- Born: Richard Andrew Farley 9 December 1952 Townsville, Queensland, Australia
- Died: 13 May 2006 (aged 53) Sydney, Australia
- Occupations: Politician, Civil rights activist
- Political party: Australian Democrats
- Movement: Aboriginal reconciliation, Indigenous rights

= Rick Farley =

Australian activist

Richard Andrew Farley (9 December 1952 – 13 May 2006) was an Australian journalist, politician and Indigenous Australian rights activist. He was a prominent member of the Council for Aboriginal Reconciliation.

==Career==
Farley worked as a journalist for the Rockhampton Morning Bulletin before he became an adviser to the federal Minister for Health in the Whitlam government. He became the executive director of the Cattlemen's Union of Australia and was the chief executive of the National Farmers' Federation for eight years. In 1989, while head of the National Farmers' Federation, Farley and Phillip Toyne of the Australian Conservation Foundation obtained financial contribution from the Australian government towards Landcare. Subsequently, Farley committed his life and his career to the needs of farmers, conservationists and Indigenous reconciliation.

In 1998, Farley was unsuccessful as an Australian Democrats party candidate for the Australian Senate to represent the Australian Capital Territory.

Farley was described as having had "an extraordinary ability to persuade, negotiate and build bridges to gain bipartisan support for the matters he was passionate about".

==Personal life==
Farley was born in Townsville, Queensland, on 9 December 1952. In 1983, he married Cathy Reade. They had a son, Jeremy and a daughter Cailin.

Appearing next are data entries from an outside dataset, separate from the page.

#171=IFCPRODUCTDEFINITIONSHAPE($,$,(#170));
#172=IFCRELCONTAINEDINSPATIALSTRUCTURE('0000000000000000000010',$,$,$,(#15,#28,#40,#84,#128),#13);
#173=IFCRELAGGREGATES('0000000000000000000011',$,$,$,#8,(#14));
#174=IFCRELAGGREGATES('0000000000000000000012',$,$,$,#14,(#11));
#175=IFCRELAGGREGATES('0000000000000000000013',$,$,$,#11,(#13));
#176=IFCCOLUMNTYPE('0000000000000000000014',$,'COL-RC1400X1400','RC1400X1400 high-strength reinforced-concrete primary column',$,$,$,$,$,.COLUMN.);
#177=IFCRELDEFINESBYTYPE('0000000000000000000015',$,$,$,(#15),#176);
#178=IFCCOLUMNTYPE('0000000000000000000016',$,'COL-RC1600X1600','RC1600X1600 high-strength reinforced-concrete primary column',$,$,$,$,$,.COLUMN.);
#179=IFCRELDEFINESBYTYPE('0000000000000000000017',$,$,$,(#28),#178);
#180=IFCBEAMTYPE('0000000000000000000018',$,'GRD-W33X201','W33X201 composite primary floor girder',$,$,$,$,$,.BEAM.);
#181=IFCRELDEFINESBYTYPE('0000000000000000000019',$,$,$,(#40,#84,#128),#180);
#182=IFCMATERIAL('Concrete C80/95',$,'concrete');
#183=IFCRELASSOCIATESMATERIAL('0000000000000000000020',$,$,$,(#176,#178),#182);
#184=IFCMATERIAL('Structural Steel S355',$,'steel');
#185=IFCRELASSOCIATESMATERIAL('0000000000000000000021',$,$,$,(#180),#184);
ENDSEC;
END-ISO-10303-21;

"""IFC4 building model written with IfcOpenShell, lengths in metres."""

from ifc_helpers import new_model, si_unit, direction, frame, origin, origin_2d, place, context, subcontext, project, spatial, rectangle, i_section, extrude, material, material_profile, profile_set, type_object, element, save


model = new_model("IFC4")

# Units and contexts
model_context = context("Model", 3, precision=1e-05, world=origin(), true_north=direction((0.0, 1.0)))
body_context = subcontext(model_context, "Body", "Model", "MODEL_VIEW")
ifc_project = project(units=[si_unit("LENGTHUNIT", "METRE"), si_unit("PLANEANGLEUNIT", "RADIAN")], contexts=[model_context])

They separated in 1996. Farley went on to date Australian Labor Party MP Linda Burney, then member of the New South Wales Legislative Assembly.

==Death==
On 13 May 2006, at the age of 53, Farley died after his wheelchair overturned outside Balmain Hospital in Sydney. He had been leaving after undergoing rehabilitation treatment for a brain aneurysm which he had suffered five months earlier.
His funeral was held at St Brigid's Church, in Marrickville. The service was attended not only by numerous prominent politicians and celebrities, but also by Indigenous Australians and rural cattlemen and farmers whom he had represented during his career. He was survived by his partner Linda Burney and two children, and by his first wife Cathy Reade and their children Jeremy and Cailin.

==Legacy==
Farley contributed notably towards the creation of Landcare, an environmental organisation with thousands of volunteers across Australia.

In December 2006, Linda Burney nominated Bush Heritage Australia to establish the Rick Farley Memorial Scholarship to encourage young Indigenous Australians to pursue environmental conservation and cultural management and to honour Farley's career and achievements.

A biography, A Way Through: The Life of Rick Farley, by Nicholas Brown and Susan Boden, was published by NewSouth in 2012.